I'm sitting on the floor of my room with the contents of an old box I keep under my bed spread out beside me on the braided rug. It's a wooden Swinburne's gelatine box Daze picked up somewhere, built to last, with a hinged top and mitered corners. Titus has jumped in and filled the box with his whole body, corner to corner, squeezed in tight as my father in the washtub. You can tell by the way Titus purrs that he thinks it's a good, solid feeling. Some of what I keep in the box is special, like Daze's bone pen from Niagara Falls, which she bought on her honeymoon. A tiny lens at the top of the pen is a viewfinder that shows you the different parts of Niagara Falls, like Goat Island, Horseshoe Falls, and Whirlpool Rapids—all places I would like to see someday. But most of what's in the box is junk. There's a matchbox I saved because it reminds me of a drawer. There's an empty Tic Tac container that still smells good. There's a queen-of-clubs playing card I found on the street in Lexington and pocketed. You can't even have a deck of playing cards within East Winder city limits because they're the tools of gambling.

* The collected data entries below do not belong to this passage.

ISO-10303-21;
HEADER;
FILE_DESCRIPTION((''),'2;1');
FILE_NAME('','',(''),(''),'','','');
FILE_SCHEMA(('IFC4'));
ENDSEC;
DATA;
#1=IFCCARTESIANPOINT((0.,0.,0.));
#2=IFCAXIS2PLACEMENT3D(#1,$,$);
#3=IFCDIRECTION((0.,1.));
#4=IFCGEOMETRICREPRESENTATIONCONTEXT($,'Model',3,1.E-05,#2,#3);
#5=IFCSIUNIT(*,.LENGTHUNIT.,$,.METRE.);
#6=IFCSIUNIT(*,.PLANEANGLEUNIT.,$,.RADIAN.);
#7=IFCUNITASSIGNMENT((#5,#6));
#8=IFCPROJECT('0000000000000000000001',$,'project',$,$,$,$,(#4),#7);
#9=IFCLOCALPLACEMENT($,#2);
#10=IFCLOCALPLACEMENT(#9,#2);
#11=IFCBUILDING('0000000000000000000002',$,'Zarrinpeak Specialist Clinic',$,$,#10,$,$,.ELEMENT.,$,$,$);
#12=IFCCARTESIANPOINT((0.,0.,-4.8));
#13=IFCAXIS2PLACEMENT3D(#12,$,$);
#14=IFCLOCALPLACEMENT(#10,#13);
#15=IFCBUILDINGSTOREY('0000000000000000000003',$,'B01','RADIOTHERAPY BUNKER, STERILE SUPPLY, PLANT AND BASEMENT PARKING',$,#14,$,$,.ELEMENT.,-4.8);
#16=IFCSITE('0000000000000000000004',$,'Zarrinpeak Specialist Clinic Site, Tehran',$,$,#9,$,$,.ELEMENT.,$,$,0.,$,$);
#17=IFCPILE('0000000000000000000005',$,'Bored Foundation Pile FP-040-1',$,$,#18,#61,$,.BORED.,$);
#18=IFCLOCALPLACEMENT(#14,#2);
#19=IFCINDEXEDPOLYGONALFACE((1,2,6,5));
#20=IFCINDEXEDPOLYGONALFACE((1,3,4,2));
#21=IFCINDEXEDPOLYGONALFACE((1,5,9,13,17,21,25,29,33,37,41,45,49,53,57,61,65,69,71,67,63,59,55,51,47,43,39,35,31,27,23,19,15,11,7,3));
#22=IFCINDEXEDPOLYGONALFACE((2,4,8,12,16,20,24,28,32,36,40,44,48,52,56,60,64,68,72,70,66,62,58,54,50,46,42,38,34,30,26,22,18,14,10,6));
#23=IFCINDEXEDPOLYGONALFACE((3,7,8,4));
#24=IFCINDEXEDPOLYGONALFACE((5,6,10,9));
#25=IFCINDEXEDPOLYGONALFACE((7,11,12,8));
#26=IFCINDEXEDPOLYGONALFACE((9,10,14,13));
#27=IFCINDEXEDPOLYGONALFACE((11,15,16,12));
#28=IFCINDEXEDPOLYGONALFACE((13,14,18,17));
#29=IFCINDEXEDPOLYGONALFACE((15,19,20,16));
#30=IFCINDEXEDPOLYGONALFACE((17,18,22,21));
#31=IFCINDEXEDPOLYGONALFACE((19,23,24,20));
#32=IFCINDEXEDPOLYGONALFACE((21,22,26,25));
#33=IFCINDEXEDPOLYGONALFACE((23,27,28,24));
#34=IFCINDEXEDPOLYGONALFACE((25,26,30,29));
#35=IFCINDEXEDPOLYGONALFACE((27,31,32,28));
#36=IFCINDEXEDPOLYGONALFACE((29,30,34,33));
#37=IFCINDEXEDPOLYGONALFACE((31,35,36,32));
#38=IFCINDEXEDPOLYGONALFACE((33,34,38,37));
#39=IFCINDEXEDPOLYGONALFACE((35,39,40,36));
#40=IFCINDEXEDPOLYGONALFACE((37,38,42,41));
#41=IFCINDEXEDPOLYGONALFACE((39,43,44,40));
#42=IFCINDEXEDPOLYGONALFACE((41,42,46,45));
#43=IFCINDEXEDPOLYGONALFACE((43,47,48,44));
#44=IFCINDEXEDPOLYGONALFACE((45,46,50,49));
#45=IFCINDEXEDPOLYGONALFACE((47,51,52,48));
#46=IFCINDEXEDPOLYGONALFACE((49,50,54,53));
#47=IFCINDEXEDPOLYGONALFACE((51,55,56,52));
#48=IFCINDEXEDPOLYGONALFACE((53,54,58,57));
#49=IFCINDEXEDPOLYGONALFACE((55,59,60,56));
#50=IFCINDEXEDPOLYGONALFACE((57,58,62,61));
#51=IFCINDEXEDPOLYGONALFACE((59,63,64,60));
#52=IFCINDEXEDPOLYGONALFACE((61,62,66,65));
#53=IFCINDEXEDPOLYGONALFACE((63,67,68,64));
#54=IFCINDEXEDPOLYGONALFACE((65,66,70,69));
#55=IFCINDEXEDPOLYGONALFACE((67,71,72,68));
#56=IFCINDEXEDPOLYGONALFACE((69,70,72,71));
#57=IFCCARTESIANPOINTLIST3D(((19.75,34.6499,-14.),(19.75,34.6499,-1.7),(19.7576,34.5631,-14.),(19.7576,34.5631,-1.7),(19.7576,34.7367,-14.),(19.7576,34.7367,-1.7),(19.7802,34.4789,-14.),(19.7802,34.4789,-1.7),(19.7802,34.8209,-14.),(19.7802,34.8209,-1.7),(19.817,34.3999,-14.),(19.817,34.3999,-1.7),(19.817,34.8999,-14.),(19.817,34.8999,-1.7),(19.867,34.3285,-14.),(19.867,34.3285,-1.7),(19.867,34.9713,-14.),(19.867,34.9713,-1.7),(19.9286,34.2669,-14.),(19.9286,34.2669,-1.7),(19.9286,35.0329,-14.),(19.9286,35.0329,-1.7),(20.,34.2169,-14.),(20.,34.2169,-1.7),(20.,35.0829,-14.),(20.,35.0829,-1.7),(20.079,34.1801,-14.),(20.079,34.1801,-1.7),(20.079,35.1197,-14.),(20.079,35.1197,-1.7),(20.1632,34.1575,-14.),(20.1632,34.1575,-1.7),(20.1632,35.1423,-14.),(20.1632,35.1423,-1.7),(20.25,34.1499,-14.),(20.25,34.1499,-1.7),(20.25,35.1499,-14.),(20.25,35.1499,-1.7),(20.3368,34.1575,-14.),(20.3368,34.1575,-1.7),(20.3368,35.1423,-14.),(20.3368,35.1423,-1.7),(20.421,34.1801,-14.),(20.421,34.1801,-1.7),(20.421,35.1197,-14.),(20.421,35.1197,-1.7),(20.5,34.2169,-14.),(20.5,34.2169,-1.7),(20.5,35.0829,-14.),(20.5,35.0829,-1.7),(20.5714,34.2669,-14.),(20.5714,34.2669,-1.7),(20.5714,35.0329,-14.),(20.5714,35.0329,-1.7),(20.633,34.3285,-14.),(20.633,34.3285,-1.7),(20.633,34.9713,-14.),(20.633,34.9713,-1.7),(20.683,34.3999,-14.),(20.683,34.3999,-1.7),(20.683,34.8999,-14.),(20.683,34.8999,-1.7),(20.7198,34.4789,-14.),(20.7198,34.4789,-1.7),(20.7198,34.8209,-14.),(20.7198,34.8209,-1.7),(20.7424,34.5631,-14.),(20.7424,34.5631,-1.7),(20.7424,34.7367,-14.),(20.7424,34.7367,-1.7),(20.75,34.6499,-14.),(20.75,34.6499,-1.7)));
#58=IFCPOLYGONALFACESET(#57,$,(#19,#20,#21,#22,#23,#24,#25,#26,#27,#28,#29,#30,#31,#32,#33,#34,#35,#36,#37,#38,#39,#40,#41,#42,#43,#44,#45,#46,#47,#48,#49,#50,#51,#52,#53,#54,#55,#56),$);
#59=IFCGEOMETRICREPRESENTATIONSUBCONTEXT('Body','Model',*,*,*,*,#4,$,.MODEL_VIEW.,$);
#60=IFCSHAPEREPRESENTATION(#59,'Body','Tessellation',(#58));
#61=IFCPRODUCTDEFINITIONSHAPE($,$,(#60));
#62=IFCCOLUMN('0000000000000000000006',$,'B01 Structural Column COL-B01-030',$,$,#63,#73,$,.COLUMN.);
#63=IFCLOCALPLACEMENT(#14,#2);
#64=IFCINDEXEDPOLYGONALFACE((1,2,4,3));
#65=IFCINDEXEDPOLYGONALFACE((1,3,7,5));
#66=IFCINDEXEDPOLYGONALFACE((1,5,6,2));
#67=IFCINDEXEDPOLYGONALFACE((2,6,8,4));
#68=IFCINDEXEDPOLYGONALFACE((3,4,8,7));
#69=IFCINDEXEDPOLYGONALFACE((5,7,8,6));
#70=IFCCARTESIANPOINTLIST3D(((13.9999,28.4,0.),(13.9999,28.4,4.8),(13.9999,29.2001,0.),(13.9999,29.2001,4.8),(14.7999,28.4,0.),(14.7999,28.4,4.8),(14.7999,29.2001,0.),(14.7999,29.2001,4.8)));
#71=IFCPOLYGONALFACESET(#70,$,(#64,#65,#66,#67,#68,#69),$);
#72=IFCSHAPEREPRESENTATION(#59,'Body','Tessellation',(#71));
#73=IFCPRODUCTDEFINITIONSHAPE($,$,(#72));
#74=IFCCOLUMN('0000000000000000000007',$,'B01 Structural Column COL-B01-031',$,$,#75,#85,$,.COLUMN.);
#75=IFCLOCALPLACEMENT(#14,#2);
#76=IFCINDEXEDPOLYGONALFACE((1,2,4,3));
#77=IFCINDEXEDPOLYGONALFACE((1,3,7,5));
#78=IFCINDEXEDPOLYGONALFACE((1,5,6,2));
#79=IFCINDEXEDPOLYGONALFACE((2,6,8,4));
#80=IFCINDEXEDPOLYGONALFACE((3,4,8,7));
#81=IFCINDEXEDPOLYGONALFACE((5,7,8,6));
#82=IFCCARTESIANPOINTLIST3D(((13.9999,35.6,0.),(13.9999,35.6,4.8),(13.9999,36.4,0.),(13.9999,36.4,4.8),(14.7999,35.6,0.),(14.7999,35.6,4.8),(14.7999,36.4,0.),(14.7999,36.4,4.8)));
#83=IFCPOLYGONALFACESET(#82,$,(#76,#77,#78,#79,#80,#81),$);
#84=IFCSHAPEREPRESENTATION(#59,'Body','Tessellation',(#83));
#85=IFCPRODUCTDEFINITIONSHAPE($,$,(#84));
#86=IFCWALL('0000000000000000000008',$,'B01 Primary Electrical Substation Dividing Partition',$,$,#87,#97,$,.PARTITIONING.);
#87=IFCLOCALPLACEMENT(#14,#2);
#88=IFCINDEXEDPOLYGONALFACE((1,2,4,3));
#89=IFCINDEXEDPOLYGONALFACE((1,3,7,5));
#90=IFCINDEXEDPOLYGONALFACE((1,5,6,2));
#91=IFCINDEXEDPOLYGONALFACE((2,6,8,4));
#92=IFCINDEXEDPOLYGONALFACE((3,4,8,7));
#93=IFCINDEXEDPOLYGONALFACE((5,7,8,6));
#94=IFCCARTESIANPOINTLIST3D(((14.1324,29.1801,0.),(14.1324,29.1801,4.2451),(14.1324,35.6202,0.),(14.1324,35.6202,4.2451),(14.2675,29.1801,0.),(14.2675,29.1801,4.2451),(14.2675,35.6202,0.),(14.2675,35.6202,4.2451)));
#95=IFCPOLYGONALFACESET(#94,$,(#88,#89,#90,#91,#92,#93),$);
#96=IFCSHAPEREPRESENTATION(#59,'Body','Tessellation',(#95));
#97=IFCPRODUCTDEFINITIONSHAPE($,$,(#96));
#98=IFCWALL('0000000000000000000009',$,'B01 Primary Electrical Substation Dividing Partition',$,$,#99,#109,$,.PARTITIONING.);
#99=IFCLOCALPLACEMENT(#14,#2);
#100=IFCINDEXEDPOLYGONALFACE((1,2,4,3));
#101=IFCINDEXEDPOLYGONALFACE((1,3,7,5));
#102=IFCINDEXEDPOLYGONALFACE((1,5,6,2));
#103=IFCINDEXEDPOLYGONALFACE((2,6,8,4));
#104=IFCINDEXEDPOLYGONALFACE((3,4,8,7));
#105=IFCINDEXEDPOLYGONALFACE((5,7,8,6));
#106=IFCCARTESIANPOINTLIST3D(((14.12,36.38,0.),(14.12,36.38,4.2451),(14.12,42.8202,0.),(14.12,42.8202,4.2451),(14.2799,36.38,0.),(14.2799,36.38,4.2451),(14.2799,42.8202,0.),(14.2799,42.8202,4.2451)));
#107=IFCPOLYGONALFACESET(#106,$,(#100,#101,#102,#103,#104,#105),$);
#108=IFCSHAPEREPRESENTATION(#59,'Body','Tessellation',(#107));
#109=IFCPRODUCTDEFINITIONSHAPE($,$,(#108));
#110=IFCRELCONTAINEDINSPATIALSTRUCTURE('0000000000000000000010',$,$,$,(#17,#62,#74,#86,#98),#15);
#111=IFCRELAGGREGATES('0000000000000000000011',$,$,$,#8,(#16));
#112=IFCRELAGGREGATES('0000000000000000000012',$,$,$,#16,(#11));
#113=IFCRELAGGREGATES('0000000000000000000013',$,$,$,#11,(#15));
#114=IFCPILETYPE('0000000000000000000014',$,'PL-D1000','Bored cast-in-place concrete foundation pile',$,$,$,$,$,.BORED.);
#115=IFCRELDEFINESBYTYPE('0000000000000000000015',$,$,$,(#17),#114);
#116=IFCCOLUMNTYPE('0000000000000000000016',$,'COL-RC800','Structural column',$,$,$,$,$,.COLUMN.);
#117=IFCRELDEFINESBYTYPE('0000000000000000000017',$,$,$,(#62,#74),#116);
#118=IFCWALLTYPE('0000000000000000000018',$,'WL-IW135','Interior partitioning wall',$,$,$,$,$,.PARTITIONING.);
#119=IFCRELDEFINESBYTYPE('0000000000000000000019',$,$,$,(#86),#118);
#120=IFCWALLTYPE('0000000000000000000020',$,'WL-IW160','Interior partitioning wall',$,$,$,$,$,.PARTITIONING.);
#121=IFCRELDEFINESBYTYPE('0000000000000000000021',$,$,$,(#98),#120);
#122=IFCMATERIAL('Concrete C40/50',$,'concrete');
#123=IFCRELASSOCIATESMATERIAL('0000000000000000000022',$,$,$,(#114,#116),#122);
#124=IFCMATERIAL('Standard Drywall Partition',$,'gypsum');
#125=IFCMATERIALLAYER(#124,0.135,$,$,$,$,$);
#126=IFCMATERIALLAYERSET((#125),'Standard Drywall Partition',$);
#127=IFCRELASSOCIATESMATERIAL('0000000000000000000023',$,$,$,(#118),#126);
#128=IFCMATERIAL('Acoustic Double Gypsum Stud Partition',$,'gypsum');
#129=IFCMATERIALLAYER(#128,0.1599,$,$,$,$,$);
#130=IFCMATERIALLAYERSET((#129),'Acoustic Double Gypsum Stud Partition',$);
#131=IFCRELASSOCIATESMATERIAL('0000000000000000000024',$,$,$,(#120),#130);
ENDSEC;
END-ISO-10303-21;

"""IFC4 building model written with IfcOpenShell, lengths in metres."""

from ifc_helpers import new_model, si_unit, direction, frame, frame_2d, origin, origin_2d, place, context, subcontext, project, spatial, rectangle, circle, extrude, material, layer, layer_set, material_profile, profile_set, type_object, element, save


model = new_model("IFC4")

# Units and contexts
model_context = context("Model", 3, precision=1e-05, world=origin(), true_north=direction((0.0, 1.0)))
body_context = subcontext(model_context, "Body", "Model", "MODEL_VIEW")
ifc_project = project(units=[si_unit("LENGTHUNIT", "METRE"), si_unit("PLANEANGLEUNIT", "RADIAN")], contexts=[model_context])

# Site, building, storey
site_placement = place(None, origin())
site = spatial("IfcSite", under=ifc_project, at=site_placement, Name="Zarrinpeak Specialist Clinic Site, Tehran", CompositionType="ELEMENT", RefElevation=0.0)
building_placement = place(site_placement, origin())
building = spatial("IfcBuilding", under=site, at=building_placement, Name="Zarrinpeak Specialist Clinic", CompositionType="ELEMENT")
storey_placement = place(building_placement, frame((0.0, 0.0, -4.8)))
storey = spatial("IfcBuildingStorey", under=building, at=storey_placement, Name="B01", Description="RADIOTHERAPY BUNKER, STERILE SUPPLY, PLANT AND BASEMENT PARKING", CompositionType="ELEMENT", Elevation=-4.8)

# Shared definitions
ifc_material_1 = material(Name="Concrete C40/50", Category="concrete")

# Pile
ifc_material_profile_1 = material_profile(ifc_material_1, circle(Radius=0.5, at=origin_2d()), Name="BORED PILE D1000")
ifc_profile_set_1 = profile_set([ifc_material_profile_1], Name="Concrete C40/50")
pile_type = type_object("IfcPileType", Name="PL-D1000", Description="Bored cast-in-place concrete foundation pile", PredefinedType="BORED", material=ifc_profile_set_1)
for number, where, z_axis, x_axis, name in (
    (1, (20.25, 34.6499, -1.7), (0.0, 0.0, -1.0), (1.0, 0.0, 0.0), "Bored Foundation Pile FP-040-1"),
):
    element("IfcPile", number, at=place(storey_placement, frame(where, z_axis=z_axis, x_axis=x_axis)), inside=storey, type_object=pile_type, Name=name, PredefinedType="BORED", context=body_context, shape_type="SweptSolid", body=[
        extrude(circle(Radius=0.5, at=origin_2d()), origin(), (0.0, 0.0, 1.0), 12.3),
    ])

I also keep a small notebook in the box, with a list of things I might like to become, including actress, veterinarian, and prophet. And even though I am not in danger of forgetting the words to my prayer, I jot them down now on the notebook's back page. I know that every time I come across them I will remember to start praying again, if I have stopped. I whisper the words now. “Inhabit me, O Lord God.” I bend down close to Titus's head and whisper them again into one of his velvety black ears, which flattens in annoyance. I tip up the box and he spills out onto the rug. Then I reload it with all my things, arranging them to make space for the Holy Land relics. I also slip in the postcard of Lot's unfortunate wife.

 

I don't know at what point the bleach starts to burn my father worse than the itching. When he manages to throw the washtub on its side and crawl out on all fours, he has red rings from the pressure of the tub halfway up his back. He must understand that his robe has poison ivy oil all over it, but he wants to cover his nakedness, suddenly. To warm the chill that's coming over him. To soak up some of what's oozing from his skin below the waist and down his legs. He clutches the robe to his private parts, then wraps himself in it and sets out for the gas station a mile and a half away. But the pain, the pain forces him to stop at a trailer lit from within like a tin lantern on the side of the road.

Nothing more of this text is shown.